Thread: about typename keyword

In general it is not possible for the non-psychic compiler to know that Seq<T>::iterator is intended as the name of a type (type name) rather than the name of something that is not a type (such as a function or a template). If we want to state that something should be treated as a type, we can do so using the typename keyword. For more details you can read a C++ standard text. I got the above information from The C++ Programming Language, Special Edition by Stroustrup, the Creator of C++, section C.13.5 Typename and Template.

I am in template section amd i don't understand typename keyword's meaning and usage.

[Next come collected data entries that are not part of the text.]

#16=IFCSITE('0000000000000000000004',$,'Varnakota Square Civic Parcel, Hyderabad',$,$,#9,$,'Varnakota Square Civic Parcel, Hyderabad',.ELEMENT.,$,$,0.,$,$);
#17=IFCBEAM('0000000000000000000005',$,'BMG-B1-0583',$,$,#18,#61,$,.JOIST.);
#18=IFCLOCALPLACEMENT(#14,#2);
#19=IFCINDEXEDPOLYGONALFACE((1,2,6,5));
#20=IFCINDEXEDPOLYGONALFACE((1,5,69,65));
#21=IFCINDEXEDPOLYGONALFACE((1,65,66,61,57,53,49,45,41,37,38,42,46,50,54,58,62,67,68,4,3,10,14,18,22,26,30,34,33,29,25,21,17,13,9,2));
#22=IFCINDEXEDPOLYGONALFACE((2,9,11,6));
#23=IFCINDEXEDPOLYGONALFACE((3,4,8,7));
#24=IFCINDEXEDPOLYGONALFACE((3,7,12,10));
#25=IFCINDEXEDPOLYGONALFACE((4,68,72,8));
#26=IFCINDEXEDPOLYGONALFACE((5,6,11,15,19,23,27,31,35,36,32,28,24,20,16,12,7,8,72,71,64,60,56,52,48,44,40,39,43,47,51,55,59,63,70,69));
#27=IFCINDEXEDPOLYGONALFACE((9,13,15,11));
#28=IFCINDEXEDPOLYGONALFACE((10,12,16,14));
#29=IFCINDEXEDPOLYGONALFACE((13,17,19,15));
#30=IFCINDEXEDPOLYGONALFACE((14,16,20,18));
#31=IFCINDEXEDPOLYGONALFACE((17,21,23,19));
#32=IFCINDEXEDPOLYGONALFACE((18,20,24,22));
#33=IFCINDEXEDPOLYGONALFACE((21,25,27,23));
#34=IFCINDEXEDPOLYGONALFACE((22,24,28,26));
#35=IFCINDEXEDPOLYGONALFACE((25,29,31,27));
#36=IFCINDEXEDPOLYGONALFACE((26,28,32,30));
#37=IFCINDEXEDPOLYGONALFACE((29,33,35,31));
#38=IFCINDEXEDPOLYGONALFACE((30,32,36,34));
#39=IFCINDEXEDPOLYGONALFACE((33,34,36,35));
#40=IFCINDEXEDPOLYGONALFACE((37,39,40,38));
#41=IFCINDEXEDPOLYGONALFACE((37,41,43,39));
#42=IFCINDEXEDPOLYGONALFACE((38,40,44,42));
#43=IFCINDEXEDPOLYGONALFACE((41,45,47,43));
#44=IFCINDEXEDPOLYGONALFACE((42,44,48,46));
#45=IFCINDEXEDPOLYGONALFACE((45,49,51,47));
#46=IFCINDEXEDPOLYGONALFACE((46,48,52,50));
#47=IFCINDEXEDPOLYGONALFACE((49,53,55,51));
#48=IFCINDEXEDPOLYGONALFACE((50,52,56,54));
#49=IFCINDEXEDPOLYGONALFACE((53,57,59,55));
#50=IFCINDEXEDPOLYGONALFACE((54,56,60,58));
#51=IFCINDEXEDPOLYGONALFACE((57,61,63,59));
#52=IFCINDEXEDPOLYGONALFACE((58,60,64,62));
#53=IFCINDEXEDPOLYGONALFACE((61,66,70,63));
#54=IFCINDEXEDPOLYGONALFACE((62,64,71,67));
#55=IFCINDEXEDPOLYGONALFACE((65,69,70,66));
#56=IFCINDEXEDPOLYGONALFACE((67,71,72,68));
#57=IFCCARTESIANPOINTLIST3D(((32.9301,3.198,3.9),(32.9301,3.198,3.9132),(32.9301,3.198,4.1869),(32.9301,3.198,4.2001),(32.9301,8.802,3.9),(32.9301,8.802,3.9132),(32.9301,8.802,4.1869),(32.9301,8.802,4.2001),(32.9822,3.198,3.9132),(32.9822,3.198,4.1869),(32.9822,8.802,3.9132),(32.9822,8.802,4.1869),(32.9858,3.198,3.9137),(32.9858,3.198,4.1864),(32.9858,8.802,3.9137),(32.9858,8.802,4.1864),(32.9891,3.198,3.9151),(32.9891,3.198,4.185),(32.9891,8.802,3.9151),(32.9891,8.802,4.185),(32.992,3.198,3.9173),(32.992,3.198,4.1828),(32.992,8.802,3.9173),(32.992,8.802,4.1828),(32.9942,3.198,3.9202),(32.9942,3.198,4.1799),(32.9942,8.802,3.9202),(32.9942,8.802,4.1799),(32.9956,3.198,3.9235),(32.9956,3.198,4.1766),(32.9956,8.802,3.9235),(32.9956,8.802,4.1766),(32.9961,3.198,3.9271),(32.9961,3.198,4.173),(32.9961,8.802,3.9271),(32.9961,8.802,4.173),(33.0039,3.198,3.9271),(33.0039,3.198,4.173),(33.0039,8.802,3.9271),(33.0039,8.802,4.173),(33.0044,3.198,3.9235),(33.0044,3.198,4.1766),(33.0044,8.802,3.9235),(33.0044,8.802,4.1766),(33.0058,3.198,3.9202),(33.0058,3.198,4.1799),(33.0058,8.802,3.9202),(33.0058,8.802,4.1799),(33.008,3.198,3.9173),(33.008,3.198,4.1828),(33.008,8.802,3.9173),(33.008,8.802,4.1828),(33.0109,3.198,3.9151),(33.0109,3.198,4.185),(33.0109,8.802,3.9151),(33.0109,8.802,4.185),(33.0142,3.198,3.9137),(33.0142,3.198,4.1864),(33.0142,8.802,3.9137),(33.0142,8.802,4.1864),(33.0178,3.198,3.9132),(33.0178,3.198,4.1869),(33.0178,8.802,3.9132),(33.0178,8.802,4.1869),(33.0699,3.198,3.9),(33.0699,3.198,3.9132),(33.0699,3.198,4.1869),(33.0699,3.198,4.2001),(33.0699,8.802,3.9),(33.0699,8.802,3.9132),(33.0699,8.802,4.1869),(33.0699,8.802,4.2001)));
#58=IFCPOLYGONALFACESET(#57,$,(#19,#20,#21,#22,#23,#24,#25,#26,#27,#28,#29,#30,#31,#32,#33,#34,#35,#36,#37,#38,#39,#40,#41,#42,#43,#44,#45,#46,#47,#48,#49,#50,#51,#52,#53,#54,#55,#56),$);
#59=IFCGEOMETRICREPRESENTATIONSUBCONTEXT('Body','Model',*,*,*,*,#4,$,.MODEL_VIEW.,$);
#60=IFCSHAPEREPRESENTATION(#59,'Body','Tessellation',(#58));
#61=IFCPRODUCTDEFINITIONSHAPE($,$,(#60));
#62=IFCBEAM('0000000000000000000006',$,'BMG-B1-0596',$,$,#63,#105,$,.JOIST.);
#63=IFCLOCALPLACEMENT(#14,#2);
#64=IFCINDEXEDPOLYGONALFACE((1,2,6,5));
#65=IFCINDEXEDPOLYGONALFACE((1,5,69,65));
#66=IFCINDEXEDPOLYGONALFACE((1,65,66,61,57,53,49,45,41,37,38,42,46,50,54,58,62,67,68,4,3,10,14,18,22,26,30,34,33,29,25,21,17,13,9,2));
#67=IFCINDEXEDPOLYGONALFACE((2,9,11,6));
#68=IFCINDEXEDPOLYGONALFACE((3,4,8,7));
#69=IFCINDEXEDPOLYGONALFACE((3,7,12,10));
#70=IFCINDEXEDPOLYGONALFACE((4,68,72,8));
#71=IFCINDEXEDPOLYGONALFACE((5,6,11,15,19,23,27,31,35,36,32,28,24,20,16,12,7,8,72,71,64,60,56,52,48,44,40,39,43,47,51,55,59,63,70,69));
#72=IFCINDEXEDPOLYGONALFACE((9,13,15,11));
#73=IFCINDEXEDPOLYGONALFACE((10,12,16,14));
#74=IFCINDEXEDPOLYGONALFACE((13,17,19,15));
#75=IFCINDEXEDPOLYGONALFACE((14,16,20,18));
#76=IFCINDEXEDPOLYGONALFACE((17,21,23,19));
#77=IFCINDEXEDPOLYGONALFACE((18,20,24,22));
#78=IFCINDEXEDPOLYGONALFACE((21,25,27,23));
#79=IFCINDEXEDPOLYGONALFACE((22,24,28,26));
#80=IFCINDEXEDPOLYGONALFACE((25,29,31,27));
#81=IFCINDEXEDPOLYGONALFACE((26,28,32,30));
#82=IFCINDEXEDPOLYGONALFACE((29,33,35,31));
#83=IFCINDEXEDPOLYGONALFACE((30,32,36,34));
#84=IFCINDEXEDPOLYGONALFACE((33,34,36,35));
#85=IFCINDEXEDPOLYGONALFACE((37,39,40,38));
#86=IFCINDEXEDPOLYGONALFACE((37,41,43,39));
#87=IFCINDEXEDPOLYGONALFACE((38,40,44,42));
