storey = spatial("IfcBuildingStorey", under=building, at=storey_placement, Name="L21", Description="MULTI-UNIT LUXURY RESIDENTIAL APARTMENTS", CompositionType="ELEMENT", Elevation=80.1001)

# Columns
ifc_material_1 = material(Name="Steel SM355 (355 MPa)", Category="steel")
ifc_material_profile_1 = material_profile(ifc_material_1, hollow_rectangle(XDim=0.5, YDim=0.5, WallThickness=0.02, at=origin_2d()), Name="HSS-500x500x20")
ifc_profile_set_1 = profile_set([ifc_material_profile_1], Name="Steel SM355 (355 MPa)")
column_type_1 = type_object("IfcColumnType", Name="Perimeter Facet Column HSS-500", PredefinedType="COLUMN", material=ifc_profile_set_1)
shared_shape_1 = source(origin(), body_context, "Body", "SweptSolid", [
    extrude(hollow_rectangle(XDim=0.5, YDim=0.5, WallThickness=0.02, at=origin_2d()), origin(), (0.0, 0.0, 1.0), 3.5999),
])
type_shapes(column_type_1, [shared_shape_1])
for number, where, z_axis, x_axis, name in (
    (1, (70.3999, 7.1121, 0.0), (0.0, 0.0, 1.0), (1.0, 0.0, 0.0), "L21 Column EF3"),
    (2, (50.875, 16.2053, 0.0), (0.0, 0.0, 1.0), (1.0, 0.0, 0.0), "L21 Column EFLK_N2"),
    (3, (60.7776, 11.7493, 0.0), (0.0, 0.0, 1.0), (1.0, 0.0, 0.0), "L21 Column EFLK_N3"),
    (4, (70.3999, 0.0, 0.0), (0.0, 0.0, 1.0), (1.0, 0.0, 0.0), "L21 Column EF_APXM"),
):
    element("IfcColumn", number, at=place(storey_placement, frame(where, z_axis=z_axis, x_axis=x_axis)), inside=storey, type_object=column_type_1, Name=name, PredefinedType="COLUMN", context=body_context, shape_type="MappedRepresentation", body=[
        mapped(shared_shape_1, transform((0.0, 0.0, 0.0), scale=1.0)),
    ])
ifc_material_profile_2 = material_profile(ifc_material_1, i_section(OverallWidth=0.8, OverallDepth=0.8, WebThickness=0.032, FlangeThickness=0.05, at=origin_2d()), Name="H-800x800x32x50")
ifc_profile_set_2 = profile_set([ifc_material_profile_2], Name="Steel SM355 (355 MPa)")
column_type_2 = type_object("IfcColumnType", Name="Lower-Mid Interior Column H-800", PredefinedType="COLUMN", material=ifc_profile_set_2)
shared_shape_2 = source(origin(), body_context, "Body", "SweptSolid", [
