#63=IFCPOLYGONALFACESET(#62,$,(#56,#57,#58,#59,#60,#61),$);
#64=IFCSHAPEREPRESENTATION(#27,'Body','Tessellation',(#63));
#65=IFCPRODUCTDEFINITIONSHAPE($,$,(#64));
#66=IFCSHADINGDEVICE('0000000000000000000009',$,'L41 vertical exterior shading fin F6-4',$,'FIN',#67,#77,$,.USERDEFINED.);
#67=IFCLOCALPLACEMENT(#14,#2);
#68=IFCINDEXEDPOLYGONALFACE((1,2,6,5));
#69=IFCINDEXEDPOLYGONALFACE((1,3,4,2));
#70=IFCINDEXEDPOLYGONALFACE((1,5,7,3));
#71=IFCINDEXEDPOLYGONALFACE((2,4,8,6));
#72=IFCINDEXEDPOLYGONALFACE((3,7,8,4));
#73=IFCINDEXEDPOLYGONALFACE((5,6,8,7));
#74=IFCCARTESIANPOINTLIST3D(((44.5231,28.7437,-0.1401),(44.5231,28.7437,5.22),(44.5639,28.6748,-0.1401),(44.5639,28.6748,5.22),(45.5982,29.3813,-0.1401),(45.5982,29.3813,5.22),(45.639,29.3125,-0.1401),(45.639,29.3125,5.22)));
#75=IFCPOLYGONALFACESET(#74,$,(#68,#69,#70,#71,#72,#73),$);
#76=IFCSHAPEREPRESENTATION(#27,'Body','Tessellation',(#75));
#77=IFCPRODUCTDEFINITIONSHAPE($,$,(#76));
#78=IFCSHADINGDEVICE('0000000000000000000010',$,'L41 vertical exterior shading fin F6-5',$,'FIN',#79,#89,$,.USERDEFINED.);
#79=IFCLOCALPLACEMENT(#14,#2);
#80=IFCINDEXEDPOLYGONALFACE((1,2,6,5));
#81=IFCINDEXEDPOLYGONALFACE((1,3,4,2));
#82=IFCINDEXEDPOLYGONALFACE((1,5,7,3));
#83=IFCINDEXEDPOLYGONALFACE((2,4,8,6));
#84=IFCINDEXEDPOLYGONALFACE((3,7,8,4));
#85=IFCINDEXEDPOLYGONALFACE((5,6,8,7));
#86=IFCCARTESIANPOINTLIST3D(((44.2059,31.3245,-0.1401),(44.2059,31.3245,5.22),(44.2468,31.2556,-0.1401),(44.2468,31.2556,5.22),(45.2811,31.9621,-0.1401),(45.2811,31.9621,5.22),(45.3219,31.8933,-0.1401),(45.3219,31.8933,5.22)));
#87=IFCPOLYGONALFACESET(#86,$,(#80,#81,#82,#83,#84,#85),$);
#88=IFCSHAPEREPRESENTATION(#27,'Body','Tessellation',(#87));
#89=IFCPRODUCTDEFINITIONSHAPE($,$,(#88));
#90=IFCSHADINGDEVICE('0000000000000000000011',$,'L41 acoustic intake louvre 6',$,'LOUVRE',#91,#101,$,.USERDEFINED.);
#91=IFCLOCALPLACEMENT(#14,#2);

Suppose you had a static member of the class Seq<T> called 'iterator' and it was equal to 10. You could display iterator's value like this:

cout<<Seq<T>::iterator;


So in this statement:

Seq<T>::iterator b = seq.begin();

the compiler thinks Seq<T>::iterator is a variable name, and it tries to replace it with its value. If there were a static variable in the class Seq<T> called iterator, and it had a value of 10, that would produce:

10 b = seq.begin();

Even though that doesn't make any sense, the compiler still can't figure out that in that context Seq<T>::iterator should not be considered a static variable name. So to tell the compiler that you are not refering to a static variable name, you need to use the keyword 'typename'. The typename keyword tells the compiler to look in Seq<T> for a type called 'iterator' rather than a variable called 'iterator'.